Let’s assume Alex sells his current flat for $450,000 and purchases a new 5-room flat at $440,000. On paper, this appears to be a good move. Alex makes a sizeable profit on his 4-room flat and is able to buy a bigger 5-room flat, which also costs less than what he is getting for his old 4-room unit.

However, after taking into account his existing loan ($238,920) and the $40,000 resale levy, Alex would get back $171,080 from the sales of his home. Assuming a renovation cost of $30,000 for his new flat, Alex would have about $141,080 left. That means he may need to take a loan of about $298,920.

If Alex takes a 15-year loan at 2.6% per annum, he will now need to repay $2007 ($403 more per month than his previous mortgage). After 5 years, his outstanding loan amount would be $211,904, which is $42,534 more than if he had chosen not to upgrade.

The numbers we used are arbitrary and there may be other reasons to justify the upgrade. For example, a 5-room flat is bigger and may provide better potential for appreciation in the long run. We are not discounting that.
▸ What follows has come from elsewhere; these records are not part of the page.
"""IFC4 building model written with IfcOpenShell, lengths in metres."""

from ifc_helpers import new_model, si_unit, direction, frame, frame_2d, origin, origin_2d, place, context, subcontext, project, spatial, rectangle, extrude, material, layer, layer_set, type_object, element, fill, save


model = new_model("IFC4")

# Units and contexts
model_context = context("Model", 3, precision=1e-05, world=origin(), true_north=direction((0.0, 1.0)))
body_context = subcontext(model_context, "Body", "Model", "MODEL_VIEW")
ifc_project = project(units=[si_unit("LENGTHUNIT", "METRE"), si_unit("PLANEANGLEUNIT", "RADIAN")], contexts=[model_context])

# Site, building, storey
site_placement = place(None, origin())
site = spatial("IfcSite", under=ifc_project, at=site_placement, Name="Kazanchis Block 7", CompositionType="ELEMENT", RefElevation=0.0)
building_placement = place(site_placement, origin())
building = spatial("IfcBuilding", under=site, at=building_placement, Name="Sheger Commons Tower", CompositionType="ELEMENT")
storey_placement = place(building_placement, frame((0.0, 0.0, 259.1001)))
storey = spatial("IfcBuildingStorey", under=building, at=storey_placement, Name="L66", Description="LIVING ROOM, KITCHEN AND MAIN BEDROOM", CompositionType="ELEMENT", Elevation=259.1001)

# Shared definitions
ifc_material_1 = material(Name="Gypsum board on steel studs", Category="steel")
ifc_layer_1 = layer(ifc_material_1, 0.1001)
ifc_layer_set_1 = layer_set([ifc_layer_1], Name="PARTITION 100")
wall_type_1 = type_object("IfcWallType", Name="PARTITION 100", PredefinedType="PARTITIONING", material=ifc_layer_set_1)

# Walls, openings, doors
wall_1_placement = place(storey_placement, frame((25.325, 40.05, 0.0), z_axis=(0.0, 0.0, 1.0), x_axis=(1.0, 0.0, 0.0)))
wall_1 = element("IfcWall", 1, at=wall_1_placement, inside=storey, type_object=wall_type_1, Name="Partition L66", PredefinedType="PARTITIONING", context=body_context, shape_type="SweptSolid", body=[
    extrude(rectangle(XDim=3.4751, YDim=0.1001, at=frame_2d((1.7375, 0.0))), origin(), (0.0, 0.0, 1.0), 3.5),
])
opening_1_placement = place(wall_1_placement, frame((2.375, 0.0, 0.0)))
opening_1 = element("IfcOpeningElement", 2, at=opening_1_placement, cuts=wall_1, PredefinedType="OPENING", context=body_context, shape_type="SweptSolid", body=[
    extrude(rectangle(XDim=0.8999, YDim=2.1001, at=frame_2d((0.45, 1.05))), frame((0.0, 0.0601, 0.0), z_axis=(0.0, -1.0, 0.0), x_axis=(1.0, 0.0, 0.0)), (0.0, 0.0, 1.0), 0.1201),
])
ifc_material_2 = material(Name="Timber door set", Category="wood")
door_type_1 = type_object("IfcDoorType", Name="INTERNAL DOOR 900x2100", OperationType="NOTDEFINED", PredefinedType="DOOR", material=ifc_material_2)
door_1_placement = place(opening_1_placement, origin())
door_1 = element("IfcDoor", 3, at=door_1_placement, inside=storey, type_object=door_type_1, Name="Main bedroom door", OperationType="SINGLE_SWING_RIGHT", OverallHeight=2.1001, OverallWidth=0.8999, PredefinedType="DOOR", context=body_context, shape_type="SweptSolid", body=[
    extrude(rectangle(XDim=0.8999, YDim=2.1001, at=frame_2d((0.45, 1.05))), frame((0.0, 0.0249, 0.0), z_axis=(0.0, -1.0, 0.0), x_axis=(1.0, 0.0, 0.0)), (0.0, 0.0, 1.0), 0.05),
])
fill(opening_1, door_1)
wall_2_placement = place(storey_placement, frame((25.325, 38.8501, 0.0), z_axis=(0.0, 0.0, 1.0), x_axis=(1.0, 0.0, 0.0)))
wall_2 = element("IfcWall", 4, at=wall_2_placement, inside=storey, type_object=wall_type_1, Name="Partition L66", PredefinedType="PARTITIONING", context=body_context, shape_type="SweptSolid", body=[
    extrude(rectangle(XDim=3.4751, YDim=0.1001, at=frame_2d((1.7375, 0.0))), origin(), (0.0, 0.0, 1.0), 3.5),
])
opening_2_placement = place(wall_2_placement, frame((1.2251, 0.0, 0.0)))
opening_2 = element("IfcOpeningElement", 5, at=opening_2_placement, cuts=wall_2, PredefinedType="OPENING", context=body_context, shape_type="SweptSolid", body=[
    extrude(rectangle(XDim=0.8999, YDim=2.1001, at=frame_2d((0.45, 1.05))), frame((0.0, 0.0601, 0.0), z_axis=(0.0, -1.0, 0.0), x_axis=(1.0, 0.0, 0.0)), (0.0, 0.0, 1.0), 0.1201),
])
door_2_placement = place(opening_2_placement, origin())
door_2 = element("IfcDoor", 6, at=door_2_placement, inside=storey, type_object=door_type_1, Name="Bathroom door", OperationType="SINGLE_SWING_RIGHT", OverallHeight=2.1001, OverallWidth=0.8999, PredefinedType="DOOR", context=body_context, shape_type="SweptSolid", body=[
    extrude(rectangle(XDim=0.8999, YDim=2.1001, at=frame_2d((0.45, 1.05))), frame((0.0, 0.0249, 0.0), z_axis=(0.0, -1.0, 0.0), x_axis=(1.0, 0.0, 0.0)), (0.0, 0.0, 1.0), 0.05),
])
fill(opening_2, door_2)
It may also provide a better quality of life for Alex, his wife and their children now.

However, the point we are trying to raise here is that just because you are selling your current home at a higher price than what your next flat costs you doesn’t necessarily mean it is cheaper. You need to take into consideration other types of costs you will incur, such as resale levy and renovation. There will also be agent commissions and legal fees to take note of.
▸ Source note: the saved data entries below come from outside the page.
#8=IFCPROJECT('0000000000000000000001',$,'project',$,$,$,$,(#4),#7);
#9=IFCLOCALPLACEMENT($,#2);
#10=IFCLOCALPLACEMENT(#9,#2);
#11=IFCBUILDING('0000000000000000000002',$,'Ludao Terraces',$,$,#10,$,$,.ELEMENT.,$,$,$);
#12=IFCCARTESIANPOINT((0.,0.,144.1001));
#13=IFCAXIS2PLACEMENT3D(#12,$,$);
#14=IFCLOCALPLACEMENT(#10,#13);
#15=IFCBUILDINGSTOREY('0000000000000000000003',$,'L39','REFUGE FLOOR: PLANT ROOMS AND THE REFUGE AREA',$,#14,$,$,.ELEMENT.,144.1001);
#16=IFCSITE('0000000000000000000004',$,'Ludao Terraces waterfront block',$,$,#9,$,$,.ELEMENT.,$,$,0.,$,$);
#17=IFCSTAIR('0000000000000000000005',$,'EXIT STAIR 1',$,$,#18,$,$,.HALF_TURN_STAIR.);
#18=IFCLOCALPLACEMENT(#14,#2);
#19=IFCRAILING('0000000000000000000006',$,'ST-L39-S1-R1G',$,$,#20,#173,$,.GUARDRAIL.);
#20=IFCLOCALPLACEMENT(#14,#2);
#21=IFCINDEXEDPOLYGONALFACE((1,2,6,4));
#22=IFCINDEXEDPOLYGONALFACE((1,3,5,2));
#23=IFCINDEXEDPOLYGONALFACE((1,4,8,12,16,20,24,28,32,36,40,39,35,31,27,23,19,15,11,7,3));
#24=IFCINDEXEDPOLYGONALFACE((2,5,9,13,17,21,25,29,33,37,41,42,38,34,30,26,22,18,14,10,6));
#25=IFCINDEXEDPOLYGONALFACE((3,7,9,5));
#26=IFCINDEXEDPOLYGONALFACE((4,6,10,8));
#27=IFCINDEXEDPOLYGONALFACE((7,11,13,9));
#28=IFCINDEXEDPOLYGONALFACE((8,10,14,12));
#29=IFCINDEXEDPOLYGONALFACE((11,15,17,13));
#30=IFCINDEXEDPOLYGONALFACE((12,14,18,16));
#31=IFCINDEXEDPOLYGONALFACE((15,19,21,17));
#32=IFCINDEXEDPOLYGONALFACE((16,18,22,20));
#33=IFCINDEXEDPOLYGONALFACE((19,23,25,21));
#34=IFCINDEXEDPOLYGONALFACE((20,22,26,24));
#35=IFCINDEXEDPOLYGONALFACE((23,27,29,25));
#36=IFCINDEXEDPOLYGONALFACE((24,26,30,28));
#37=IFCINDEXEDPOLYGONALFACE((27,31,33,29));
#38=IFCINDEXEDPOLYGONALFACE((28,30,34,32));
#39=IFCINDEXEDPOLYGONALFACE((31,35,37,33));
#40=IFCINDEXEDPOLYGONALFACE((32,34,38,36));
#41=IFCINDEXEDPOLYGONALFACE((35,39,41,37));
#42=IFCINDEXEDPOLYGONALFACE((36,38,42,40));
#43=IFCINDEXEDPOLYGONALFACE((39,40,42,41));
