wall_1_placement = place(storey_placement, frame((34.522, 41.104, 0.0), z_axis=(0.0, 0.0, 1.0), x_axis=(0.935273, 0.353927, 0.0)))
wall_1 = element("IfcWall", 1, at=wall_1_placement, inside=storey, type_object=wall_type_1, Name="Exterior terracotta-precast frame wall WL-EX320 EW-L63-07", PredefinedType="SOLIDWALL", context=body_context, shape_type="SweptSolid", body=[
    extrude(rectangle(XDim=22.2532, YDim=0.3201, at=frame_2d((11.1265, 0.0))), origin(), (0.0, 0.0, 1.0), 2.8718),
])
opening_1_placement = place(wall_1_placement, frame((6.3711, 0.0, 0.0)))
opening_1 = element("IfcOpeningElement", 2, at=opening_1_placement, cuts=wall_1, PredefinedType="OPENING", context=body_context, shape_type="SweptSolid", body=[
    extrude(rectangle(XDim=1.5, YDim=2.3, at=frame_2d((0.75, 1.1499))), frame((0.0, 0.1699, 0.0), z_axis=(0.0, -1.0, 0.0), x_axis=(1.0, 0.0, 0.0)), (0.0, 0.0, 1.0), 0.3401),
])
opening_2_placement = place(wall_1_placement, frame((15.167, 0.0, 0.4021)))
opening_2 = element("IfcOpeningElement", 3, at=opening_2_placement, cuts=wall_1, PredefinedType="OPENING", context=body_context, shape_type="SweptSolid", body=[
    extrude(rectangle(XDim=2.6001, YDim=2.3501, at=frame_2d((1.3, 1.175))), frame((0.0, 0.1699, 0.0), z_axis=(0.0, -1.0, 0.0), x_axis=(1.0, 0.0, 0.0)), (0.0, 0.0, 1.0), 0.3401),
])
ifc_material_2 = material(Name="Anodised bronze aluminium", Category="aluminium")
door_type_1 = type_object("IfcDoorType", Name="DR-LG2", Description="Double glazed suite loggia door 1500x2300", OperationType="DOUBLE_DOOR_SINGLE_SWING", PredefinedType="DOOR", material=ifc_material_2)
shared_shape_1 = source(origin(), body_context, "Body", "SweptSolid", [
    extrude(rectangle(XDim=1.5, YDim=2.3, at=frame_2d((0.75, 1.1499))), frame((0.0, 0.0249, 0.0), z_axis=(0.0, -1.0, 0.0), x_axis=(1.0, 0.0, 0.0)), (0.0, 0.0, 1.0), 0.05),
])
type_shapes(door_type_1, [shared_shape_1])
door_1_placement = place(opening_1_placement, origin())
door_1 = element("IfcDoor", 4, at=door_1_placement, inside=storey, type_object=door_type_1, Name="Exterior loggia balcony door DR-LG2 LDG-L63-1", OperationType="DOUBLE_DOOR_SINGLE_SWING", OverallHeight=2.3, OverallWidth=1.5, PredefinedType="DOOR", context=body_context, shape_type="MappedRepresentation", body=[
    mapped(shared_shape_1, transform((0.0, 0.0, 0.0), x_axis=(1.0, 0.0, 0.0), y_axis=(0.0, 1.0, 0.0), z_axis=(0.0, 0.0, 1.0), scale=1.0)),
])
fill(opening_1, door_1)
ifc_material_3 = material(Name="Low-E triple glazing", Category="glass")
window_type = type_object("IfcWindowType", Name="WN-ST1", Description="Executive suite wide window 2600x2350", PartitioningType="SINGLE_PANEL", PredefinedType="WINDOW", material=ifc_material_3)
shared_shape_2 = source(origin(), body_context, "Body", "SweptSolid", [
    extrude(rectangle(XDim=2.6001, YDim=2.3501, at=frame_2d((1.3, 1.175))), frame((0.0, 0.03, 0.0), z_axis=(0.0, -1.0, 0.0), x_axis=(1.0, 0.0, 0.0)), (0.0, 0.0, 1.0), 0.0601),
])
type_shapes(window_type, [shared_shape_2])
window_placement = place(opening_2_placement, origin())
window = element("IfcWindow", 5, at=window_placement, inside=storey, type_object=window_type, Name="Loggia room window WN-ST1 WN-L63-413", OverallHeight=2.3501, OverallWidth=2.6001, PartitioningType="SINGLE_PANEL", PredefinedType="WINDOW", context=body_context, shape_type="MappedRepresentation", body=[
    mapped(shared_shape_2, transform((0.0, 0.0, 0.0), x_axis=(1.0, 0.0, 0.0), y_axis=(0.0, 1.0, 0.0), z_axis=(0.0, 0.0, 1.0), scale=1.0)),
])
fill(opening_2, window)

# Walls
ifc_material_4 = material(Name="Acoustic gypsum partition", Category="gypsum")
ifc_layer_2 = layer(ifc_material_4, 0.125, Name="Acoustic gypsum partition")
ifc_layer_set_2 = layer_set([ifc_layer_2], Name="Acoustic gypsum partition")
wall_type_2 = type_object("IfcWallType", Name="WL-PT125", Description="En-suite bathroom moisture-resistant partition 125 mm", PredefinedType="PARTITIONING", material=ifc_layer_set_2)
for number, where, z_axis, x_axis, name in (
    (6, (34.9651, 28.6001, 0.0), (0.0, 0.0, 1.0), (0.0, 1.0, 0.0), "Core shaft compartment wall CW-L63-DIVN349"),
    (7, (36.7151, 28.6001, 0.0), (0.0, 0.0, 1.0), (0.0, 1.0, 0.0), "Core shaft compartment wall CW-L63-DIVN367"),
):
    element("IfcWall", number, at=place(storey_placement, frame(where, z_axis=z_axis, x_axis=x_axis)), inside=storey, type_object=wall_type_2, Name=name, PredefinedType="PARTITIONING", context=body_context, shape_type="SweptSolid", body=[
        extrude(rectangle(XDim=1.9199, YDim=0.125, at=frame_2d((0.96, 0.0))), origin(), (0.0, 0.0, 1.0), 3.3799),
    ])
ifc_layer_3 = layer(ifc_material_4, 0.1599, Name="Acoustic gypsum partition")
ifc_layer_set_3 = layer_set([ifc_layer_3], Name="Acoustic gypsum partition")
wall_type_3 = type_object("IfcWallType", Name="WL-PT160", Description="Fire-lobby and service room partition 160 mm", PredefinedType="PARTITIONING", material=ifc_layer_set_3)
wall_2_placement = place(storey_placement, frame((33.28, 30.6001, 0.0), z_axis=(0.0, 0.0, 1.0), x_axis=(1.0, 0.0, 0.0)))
4. Cash Over Valuation (COV) For Your Flat

Since each Singaporean couple can only own one HDB flat at any point in time, you will need to sell the existing HDB flat that you own to the open market.
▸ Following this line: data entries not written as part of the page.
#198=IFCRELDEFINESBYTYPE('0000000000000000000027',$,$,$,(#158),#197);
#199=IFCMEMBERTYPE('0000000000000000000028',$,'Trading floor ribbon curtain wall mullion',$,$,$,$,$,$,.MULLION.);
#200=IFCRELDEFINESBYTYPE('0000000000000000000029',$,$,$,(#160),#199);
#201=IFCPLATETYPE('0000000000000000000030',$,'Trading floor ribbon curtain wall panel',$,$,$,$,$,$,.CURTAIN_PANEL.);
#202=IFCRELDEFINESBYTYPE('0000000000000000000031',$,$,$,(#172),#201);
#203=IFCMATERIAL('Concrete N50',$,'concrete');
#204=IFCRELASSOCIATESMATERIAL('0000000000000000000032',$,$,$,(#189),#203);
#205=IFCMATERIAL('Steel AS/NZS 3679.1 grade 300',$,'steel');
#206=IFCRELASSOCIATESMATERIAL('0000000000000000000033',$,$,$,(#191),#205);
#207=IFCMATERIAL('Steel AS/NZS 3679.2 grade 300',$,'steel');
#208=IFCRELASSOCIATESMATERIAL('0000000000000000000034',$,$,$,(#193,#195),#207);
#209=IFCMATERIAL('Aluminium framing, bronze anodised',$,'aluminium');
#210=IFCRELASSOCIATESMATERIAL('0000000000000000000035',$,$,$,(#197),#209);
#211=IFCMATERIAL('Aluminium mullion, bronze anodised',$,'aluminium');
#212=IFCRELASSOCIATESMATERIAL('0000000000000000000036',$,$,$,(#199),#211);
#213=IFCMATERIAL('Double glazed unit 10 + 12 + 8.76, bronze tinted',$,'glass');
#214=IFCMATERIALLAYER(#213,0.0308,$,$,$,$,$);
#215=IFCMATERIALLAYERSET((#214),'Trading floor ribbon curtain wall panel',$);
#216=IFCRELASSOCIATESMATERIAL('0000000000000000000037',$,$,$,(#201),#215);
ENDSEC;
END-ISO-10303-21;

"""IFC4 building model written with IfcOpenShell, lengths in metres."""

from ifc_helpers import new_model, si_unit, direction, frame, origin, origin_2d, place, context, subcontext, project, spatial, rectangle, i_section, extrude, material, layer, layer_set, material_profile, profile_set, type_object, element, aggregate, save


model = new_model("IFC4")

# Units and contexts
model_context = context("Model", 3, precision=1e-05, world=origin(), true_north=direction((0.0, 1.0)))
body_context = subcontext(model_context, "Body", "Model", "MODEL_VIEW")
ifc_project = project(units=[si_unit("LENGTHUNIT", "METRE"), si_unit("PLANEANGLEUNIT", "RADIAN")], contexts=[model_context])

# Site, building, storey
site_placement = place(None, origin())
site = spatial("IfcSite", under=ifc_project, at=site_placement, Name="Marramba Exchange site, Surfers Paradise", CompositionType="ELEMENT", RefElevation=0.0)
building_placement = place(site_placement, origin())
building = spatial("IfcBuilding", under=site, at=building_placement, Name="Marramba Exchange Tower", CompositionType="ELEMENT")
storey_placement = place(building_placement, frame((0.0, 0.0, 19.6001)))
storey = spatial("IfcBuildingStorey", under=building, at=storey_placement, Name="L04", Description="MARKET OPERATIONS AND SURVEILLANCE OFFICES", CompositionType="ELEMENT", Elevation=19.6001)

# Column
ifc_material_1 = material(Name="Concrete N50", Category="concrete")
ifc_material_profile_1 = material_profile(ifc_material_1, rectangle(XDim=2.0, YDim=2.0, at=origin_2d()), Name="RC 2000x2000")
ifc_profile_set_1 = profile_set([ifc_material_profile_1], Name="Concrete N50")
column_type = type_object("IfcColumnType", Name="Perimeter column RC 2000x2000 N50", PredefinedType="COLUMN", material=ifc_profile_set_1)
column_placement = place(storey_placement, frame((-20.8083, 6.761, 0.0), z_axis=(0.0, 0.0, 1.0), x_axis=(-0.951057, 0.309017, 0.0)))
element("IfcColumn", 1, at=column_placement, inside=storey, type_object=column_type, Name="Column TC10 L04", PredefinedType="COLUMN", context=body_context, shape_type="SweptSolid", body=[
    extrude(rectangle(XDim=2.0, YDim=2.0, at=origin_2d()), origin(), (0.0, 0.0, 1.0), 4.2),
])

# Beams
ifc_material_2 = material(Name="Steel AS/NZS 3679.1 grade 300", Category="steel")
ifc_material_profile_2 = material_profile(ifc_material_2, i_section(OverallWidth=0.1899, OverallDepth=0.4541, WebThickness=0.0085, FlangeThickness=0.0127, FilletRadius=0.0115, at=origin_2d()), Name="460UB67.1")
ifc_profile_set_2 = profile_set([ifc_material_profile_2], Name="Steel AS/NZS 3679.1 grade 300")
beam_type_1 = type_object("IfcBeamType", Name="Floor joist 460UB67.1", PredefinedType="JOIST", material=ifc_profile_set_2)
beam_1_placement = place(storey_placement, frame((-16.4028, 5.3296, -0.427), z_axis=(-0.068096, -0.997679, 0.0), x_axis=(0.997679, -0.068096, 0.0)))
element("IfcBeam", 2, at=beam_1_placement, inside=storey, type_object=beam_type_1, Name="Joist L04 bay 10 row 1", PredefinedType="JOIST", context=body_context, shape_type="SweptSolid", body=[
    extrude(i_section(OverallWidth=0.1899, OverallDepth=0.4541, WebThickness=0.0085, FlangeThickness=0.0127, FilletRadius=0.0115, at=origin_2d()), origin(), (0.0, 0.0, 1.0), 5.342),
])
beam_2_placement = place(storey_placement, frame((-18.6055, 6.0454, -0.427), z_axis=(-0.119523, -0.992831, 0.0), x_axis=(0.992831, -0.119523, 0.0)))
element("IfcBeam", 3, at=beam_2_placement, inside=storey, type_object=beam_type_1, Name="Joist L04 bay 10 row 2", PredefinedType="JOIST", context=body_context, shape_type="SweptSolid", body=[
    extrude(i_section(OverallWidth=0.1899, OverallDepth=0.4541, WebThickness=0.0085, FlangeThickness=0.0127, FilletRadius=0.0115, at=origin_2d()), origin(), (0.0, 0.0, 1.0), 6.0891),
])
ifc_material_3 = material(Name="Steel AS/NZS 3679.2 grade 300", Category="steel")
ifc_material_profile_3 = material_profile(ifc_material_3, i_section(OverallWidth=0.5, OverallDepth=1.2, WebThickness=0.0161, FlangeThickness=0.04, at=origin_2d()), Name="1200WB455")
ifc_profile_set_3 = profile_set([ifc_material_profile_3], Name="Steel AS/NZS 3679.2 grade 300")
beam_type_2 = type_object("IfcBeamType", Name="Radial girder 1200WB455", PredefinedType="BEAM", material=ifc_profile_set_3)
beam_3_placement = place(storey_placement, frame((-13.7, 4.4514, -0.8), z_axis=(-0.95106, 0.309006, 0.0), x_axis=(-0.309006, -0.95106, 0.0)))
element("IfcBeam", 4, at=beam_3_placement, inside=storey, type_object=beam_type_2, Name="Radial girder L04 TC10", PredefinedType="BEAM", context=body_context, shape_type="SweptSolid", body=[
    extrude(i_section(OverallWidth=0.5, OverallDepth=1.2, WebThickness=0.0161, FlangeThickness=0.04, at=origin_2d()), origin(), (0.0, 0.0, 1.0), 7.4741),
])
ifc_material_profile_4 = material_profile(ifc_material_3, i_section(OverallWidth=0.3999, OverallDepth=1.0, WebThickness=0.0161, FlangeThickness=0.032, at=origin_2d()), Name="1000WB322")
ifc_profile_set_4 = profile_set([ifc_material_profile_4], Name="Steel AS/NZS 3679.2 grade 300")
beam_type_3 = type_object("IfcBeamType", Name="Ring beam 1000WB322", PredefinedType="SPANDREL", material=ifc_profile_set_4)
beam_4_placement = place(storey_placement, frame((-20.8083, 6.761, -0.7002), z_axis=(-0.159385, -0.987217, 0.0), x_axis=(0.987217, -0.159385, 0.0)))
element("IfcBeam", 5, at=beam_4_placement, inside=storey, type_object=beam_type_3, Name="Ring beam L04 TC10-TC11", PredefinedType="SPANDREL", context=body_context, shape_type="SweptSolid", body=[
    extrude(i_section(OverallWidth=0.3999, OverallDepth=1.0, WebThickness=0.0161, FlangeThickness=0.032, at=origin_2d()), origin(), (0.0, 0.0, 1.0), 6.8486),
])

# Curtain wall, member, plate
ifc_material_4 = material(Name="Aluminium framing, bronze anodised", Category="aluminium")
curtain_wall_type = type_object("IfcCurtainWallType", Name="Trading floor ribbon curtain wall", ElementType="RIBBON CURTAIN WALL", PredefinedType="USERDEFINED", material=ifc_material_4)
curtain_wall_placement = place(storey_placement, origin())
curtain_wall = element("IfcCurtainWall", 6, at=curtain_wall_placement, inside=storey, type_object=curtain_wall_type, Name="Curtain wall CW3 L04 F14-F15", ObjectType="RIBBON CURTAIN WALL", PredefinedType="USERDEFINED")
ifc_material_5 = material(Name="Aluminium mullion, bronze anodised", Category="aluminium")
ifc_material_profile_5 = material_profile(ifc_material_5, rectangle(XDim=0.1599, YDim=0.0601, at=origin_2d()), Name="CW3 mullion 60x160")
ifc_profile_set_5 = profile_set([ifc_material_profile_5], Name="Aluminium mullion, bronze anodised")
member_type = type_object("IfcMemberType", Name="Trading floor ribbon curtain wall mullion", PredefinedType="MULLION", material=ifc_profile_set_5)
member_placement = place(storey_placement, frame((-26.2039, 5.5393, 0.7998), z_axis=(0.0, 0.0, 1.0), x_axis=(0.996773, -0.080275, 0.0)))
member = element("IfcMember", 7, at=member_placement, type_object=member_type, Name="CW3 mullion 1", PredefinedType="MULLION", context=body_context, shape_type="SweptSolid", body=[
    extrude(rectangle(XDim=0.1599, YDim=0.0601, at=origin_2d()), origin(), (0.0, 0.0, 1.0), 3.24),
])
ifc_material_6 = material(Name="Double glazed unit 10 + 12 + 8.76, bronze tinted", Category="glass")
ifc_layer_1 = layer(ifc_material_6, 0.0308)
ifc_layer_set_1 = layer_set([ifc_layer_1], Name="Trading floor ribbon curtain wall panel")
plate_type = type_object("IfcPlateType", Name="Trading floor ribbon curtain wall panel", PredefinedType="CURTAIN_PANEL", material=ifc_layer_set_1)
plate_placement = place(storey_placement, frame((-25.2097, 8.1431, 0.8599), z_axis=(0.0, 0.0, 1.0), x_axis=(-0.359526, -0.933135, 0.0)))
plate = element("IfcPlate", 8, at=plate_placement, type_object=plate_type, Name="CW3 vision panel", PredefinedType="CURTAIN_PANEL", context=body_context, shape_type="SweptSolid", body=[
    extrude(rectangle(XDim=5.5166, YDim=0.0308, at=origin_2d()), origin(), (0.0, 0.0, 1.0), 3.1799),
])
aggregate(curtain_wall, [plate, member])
The HDB resale market works on a willing buyer willing seller principal. If you can find a buyer willing to pay the price that you are asking for, a transaction can take place.

However do note the following. Once both buyer and seller have agreed to a price and the seller has issued an Option to Purchase (OTP) to the buyer, an official valuation will be given by an independent assessor appointed by HDB.

This valuation is important because it determines the amount that a buyer can borrow for the mortgage. If both buyer and seller agree for the transaction to be at $400,000 and the valuation only comes up to $370,000, it means that the buyer would have to pay an additional $30,000 Cash Over Valuation (COV). This is only payable by Cash, and not CPF or bank loan.

As a seller, it is important for you to understand this because the valuation and the subsequent COV would directly impact the ability of the buyer to purchase your house. There is no point in being able to get a high selling price only to have the valuation report quoting far below it and then realizing that the buyer does not have enough cash to complete the transaction.

Also remember that the transaction made between you and the buyer would need to stay within HDB Ethic Quota.

Do Your Homework Before Upgrading

In some ways, buying your second flat can actually be much more complicated than buying your first flat. There are more considerations such as resale levy, selling your existing flat and COV that you need to take note of, in addition to the actual purchase your second flat.

Remember to do your sums carefully before making any decisions because the transaction costs incurred when buying and selling homes can be a lot higher than what most people realize.